LEMON: Localized Editing with Mesh Optimization and Neural Shaders
Furkan Mert Algan, Umut Yazgan, Driton Salihu, Cem Eteke, Eckehard Steinbach
TL;DR
LEMON addresses the challenge of editing polygonal meshes from multi-view images under natural language prompts while preserving the original geometry. It fuses neural deferred shading with localized mesh optimization, using vertex-level importance scores and ControlNet-conditioned diffusion to drive text-guided edits, with iterative dataset updates and mesh deformation. Evaluated on the DTU dataset, LEMON demonstrates superior alignment to prompts (via CLIP Directional Similarity) and maintains geometric integrity while delivering faster, more consistent results than several baselines. The approach offers a practical path to precise, localized mesh editing with coordinated appearance changes, though it relies on masking and suggests future inpainting-based extensions to add new geometry.
Abstract
In practical use cases, polygonal mesh editing can be faster than generating new ones, but it can still be challenging and time-consuming for users.
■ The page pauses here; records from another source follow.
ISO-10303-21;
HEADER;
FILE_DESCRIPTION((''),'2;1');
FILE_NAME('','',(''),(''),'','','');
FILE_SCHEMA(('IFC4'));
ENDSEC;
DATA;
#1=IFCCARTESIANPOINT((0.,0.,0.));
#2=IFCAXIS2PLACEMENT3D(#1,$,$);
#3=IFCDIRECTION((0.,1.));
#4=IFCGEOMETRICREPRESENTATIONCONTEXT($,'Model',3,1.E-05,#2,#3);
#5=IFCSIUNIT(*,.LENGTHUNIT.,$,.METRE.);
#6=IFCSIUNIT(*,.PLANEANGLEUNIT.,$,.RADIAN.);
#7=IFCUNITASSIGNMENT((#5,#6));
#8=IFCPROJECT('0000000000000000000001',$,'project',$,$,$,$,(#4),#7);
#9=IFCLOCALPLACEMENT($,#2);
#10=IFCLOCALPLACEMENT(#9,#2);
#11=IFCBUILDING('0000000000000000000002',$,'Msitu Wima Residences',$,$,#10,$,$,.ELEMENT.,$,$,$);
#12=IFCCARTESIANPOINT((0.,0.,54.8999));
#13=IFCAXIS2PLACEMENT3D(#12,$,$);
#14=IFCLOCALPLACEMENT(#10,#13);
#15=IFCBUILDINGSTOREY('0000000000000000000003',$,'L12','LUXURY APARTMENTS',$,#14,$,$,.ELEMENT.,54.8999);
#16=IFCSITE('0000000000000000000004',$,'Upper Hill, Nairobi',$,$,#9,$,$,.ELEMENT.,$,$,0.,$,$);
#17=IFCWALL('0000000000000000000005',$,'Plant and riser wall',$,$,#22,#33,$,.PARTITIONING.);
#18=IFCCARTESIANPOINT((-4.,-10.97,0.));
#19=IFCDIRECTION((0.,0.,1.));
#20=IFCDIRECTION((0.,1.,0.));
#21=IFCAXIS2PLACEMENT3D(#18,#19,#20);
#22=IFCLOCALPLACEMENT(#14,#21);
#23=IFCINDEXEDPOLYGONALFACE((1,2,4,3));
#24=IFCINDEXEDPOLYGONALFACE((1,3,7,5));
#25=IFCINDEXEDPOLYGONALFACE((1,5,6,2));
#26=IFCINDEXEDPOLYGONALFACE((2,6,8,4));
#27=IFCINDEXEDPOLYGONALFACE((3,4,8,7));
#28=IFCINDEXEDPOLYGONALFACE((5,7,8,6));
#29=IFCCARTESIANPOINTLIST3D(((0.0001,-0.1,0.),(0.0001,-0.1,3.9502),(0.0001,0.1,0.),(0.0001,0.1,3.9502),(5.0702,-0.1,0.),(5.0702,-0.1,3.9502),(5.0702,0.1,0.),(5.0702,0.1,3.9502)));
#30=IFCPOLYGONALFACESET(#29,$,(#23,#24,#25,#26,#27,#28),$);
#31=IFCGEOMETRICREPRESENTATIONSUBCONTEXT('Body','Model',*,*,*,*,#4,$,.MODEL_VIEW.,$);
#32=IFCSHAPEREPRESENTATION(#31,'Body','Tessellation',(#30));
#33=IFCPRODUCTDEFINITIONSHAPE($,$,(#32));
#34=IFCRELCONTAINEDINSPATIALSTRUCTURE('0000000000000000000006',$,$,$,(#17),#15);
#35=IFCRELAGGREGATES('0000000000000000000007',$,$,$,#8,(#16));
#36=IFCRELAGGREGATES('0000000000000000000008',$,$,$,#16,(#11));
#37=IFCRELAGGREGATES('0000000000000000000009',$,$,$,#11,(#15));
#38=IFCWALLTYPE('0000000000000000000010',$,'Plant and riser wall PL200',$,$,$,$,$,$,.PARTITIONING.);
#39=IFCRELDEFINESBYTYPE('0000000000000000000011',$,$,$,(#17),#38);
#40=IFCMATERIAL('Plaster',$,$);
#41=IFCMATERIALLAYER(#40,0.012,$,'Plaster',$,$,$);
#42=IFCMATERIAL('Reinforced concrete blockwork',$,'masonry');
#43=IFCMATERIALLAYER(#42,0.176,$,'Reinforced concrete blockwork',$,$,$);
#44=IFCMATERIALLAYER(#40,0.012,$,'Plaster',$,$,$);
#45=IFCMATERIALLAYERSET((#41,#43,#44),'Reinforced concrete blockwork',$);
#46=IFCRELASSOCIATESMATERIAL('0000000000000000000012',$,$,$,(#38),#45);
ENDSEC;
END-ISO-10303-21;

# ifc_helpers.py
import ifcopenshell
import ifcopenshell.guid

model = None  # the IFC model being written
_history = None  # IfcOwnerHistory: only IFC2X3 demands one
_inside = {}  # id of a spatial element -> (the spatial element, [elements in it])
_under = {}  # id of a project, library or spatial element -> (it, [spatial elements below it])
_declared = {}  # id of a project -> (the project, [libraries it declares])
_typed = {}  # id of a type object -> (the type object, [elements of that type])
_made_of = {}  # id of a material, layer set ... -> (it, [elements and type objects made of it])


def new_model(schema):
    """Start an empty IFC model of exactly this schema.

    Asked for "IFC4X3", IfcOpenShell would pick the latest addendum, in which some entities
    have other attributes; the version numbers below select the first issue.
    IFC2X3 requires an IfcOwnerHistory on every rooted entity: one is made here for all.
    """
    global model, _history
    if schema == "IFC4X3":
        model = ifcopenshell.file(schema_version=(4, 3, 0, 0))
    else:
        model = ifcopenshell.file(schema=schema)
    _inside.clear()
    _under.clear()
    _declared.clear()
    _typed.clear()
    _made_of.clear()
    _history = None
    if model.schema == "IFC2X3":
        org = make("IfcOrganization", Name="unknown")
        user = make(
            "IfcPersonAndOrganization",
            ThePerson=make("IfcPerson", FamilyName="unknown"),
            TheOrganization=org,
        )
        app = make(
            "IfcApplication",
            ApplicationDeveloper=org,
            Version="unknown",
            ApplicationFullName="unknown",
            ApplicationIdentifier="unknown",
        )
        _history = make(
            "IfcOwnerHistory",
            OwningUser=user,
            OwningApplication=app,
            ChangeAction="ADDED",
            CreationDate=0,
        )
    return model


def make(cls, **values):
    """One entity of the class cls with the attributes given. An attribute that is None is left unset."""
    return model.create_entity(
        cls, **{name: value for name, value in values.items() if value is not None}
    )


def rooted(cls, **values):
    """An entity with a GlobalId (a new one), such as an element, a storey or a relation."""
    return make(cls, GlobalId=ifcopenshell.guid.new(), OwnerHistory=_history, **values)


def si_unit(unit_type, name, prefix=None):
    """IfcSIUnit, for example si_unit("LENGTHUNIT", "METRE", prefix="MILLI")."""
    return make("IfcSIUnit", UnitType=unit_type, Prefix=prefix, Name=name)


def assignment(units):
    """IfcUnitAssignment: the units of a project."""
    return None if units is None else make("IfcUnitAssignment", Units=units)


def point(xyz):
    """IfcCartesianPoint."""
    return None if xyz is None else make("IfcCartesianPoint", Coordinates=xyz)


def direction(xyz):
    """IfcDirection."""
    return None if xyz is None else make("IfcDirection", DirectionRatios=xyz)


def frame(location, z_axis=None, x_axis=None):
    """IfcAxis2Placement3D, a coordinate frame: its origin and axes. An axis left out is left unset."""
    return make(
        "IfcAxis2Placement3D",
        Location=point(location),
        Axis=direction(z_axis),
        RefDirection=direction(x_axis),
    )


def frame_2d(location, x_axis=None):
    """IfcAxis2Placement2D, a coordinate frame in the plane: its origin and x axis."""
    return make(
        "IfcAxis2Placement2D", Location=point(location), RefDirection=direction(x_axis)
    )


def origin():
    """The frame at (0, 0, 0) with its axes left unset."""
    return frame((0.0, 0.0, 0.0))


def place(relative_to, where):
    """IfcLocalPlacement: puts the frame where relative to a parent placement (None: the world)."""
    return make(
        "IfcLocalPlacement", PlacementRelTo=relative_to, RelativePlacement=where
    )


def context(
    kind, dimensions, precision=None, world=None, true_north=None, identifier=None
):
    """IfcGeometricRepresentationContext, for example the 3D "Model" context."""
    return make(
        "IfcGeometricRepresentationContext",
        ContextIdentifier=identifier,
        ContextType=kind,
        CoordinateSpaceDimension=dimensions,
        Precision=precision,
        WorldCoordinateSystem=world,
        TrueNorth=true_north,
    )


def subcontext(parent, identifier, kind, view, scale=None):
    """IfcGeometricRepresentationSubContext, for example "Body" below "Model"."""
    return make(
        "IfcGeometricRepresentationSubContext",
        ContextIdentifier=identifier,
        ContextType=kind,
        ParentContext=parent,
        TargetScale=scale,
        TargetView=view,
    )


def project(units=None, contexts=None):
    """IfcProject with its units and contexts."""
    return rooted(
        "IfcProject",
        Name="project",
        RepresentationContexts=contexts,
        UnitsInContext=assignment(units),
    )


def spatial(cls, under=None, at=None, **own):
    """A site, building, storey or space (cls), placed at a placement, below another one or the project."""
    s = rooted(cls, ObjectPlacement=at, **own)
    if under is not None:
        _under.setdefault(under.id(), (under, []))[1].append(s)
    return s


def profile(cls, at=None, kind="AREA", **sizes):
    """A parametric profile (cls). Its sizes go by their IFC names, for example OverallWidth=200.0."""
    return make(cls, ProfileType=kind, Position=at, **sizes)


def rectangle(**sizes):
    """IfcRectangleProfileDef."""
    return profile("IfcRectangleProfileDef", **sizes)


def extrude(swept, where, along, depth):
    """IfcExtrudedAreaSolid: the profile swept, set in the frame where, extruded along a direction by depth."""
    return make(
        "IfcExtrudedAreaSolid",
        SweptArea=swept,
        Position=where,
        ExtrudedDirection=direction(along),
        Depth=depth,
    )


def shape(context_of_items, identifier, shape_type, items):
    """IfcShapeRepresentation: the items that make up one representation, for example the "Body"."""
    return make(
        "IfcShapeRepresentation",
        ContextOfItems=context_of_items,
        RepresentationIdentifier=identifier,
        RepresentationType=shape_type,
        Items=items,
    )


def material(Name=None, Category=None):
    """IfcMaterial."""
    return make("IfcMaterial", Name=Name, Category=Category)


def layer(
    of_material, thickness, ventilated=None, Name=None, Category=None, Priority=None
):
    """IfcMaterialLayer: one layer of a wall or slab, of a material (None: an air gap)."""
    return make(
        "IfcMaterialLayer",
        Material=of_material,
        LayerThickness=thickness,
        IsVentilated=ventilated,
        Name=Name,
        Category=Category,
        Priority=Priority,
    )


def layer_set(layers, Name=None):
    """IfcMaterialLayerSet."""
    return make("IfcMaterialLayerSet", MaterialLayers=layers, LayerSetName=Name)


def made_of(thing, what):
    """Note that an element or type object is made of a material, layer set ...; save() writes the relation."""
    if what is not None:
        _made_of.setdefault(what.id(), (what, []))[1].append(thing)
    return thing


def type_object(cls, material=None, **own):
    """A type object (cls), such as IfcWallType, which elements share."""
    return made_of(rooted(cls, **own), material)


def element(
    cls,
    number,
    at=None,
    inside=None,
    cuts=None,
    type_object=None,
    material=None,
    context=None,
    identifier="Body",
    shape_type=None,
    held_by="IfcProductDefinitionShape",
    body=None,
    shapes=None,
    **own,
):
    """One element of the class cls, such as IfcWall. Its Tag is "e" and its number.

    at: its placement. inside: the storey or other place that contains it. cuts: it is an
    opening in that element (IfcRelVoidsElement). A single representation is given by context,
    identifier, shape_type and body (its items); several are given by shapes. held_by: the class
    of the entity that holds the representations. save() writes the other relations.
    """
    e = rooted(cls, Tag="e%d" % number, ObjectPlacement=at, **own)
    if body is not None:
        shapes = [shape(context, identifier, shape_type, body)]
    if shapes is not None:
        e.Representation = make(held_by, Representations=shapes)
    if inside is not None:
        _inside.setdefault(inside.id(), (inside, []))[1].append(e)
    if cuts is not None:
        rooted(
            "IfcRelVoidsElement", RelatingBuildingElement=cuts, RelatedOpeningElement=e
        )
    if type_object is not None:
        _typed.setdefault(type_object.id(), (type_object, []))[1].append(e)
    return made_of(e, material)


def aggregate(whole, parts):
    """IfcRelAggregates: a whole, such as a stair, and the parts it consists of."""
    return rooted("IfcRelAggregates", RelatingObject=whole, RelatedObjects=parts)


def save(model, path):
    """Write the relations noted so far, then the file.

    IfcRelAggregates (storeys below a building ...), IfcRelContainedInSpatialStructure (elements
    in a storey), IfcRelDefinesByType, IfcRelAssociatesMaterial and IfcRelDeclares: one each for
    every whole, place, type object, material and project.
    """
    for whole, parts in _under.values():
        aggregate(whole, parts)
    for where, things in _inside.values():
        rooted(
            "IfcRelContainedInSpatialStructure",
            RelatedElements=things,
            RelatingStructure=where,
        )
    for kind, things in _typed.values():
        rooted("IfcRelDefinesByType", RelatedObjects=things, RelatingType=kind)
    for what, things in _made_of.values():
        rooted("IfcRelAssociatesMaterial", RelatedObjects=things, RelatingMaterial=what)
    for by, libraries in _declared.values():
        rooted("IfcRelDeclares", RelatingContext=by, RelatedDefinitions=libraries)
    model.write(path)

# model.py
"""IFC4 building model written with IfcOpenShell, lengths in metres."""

from ifc_helpers import new_model, si_unit, direction, frame, frame_2d, origin, place, context, subcontext, project, spatial, rectangle, extrude, material, layer, layer_set, type_object, element, save


model = new_model("IFC4")

# Units and contexts
model_context = context("Model", 3, precision=1e-05, world=origin(), true_north=direction((0.0, 1.0)))
body_context = subcontext(model_context, "Body", "Model", "MODEL_VIEW")
ifc_project = project(units=[si_unit("LENGTHUNIT", "METRE"), si_unit("PLANEANGLEUNIT", "RADIAN")], contexts=[model_context])

# Site, building, storey
site_placement = place(None, origin())
site = spatial("IfcSite", under=ifc_project, at=site_placement, Name="Upper Hill, Nairobi", CompositionType="ELEMENT", RefElevation=0.0)
building_placement = place(site_placement, origin())
building = spatial("IfcBuilding", under=site, at=building_placement, Name="Msitu Wima Residences", CompositionType="ELEMENT")
storey_placement = place(building_placement, frame((0.0, 0.0, 54.8999)))
storey = spatial("IfcBuildingStorey", under=building, at=storey_placement, Name="L12", Description="LUXURY APARTMENTS", CompositionType="ELEMENT", Elevation=54.8999)

# Wall
ifc_material_1 = material(Name="Plaster")
ifc_layer_1 = layer(ifc_material_1, 0.012, Name="Plaster")
ifc_material_2 = material(Name="Reinforced concrete blockwork", Category="masonry")
ifc_layer_2 = layer(ifc_material_2, 0.176, Name="Reinforced concrete blockwork")
ifc_layer_3 = layer(ifc_material_1, 0.012, Name="Plaster")
ifc_layer_set_1 = layer_set([ifc_layer_1, ifc_layer_2, ifc_layer_3], Name="Reinforced concrete blockwork")
wall_type_1 = type_object("IfcWallType", Name="Plant and riser wall PL200", PredefinedType="PARTITIONING", material=ifc_layer_set_1)
wall_1_placement = place(storey_placement, frame((-4.0, -10.97, 0.0), z_axis=(0.0, 0.0, 1.0), x_axis=(0.0, 1.0, 0.0)))
element("IfcWall", 1, at=wall_1_placement, inside=storey, type_object=wall_type_1, Name="Plant and riser wall", PredefinedType="PARTITIONING", context=body_context, shape_type="SweptSolid", body=[
    extrude(rectangle(XDim=5.0701, YDim=0.2, at=frame_2d((2.5352, 0.0))), origin(), (0.0, 0.0, 1.0), 3.9502),
])

save(model, "model.ifc")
Existing solutions for this problem tend to focus on a single task, either geometry or novel view synthesis, which often leads to disjointed results between the mesh and view. In this work, we propose LEMON, a mesh editing pipeline that combines neural deferred shading with localized mesh optimization. Our approach begins by identifying the most important vertices in the mesh for editing, utilizing a segmentation model to focus on these key regions. Given multi-view images of an object, we optimize a neural shader and a polygonal mesh while extracting the normal map and the rendered image from each view. By using these outputs as conditioning data, we edit the input images with a text-to-image diffusion model and iteratively update our dataset while deforming the mesh. This process results in a polygonal mesh that is edited according to the given text instruction, preserving the geometric characteristics of the initial mesh while focusing on the most significant areas. We evaluate our pipeline using the DTU dataset, demonstrating that it generates finely-edited meshes more rapidly than the current state-of-the-art methods. We include our code and additional results in the supplementary material.